Clearly, there is much more to be discovered, but I think these will do for now.

Flaws

Finally, I must say that the project isn’t perfect. The Wayback Machine only has snapshots starting from 2019, and even then, not every restaurant and year is fully archived.

Secondly, closed restaurants, like Julemont in Wittem, are missing from the current database. It was a two-star place in June 2024, but after closing, it had just disappeared by February 2025. It’d be great if we could keep their info in the records, so we have a more complete history.

💬

Update: the second flaw is addressed by PR#125

Lastly, what we have here doesn’t consider if a restaurant changes its name, switches owners, or even moves to a different location over the years. This is particularly tricky to track, especially if the Michelin guide URL changes for the restaurant.

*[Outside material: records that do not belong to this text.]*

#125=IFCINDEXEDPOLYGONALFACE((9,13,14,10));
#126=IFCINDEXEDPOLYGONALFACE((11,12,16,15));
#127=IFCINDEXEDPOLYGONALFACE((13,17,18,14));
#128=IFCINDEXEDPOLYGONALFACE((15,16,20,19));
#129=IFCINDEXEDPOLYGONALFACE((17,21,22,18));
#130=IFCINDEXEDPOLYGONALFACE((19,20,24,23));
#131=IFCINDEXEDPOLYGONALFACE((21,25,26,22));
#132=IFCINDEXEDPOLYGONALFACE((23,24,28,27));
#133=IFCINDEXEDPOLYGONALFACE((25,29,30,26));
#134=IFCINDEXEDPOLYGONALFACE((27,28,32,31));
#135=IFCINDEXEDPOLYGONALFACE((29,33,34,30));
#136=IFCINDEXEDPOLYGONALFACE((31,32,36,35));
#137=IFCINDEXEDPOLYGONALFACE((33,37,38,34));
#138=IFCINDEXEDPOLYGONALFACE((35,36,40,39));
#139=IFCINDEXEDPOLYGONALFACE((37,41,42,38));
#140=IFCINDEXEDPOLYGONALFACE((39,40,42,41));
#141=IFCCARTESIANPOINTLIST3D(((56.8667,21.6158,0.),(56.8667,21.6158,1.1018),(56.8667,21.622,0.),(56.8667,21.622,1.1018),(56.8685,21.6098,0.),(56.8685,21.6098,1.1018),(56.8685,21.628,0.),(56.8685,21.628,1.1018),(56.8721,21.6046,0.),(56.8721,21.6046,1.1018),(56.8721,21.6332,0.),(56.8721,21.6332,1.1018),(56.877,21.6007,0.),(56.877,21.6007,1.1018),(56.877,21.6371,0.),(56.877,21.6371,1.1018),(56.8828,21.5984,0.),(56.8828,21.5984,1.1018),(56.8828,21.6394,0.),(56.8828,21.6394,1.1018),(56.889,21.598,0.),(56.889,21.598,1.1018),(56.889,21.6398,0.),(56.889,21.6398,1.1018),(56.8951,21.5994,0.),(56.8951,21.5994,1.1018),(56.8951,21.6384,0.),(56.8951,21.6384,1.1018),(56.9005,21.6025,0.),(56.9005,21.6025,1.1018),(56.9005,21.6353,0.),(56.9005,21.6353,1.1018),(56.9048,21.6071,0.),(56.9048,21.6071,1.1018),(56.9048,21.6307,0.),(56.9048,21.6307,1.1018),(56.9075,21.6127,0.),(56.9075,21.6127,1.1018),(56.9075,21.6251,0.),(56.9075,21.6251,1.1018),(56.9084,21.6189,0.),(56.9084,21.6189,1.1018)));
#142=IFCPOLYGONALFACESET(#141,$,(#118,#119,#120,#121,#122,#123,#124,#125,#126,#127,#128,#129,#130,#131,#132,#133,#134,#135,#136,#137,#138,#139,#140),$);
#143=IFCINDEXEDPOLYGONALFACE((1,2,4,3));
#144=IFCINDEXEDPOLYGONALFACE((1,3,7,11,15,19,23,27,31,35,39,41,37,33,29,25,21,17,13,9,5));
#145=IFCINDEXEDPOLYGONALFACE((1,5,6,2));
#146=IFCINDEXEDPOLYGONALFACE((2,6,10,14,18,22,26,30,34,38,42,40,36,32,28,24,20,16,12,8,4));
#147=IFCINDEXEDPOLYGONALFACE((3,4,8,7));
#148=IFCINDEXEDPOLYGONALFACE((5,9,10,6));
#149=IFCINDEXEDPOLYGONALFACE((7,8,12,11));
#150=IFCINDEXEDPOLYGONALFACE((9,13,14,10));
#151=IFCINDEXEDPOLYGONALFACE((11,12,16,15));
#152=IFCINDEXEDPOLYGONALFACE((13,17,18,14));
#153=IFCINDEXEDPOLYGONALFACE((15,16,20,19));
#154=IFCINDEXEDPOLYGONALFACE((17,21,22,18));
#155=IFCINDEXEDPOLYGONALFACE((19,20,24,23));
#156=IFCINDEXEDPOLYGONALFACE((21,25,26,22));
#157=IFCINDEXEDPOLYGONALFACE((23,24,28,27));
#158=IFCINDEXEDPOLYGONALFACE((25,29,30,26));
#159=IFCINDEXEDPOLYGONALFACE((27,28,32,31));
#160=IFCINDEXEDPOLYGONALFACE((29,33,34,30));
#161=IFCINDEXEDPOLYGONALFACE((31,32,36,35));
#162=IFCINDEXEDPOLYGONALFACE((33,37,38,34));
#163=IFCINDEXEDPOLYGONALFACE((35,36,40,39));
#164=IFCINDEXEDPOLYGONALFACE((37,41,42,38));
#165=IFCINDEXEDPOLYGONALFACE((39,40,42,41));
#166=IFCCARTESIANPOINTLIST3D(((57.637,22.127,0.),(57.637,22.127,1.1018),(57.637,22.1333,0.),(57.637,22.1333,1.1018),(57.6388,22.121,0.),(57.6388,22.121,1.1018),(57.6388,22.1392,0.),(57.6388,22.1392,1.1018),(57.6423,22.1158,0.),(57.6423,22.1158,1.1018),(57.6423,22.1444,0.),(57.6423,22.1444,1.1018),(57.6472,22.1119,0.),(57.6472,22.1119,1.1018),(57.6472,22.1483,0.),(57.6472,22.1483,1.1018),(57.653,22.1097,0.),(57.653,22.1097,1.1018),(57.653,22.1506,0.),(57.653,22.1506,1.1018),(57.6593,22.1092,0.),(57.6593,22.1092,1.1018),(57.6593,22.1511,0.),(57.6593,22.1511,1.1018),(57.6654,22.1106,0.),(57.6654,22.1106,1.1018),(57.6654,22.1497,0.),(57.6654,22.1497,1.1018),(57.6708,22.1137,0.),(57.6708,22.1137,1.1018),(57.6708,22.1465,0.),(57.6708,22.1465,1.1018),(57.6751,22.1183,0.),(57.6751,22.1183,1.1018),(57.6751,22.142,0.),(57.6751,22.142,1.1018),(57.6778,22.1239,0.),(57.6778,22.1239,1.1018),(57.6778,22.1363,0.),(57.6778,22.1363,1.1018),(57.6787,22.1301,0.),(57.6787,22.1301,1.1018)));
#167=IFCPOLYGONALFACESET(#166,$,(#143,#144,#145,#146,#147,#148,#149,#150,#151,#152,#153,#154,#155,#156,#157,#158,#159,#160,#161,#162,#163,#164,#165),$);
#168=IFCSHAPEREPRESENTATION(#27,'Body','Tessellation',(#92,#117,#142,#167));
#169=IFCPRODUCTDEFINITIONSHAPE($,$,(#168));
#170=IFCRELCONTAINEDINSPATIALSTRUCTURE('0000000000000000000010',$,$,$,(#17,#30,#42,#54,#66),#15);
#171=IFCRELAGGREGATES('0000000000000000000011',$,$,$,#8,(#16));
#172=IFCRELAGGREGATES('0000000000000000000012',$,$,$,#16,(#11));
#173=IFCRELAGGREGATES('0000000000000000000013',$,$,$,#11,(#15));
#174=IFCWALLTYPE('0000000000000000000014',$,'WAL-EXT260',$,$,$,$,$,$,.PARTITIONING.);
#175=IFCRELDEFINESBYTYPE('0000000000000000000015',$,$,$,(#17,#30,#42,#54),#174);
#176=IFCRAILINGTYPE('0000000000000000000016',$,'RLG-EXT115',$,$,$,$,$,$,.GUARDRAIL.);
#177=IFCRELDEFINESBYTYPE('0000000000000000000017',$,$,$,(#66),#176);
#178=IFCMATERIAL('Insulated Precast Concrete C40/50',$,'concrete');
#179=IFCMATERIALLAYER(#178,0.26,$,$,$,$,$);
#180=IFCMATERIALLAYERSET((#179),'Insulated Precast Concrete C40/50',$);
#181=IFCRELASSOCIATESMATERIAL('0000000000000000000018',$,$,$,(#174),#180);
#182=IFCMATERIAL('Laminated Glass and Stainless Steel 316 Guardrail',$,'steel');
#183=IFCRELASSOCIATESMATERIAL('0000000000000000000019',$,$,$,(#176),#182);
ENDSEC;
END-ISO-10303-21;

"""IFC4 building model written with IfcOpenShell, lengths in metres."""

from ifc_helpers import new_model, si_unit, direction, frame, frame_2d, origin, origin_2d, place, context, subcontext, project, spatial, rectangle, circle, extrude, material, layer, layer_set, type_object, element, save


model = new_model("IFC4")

Rest assured that the award history will still be accurate as long as the Michelin guide URL stays consistent over the years!

Accepting imperfection

At some point, I had to make a choice: spend more weeks trying to achieve perfect historical coverage, or accept that 2019 onwards is good enough.

I went with the latter.

Sure, I'm missing some earlier data, but 2019 gives me a solid base. More importantly, from now on, I have the infrastructure to capture proper historical data for the future. Every month, I'm building tomorrow's historical dataset.

Having said that, I'll probably work on addressing some of these issues in the near future (fingers crossed).

🙏

Thanks so much to everyone who emailed me and took the time to share your feedback so quickly — it truly means a lot to me!

What's Next

Now that I have all this historical data flowing, the real fun is just beginning.

I really hope to keep this project going for a while. Fingers crossed it won’t end up costing me too much. Who knows, maybe in 10 or 20 years, we’ll look back at what we’ve done with even more data — now that would be pretty fun!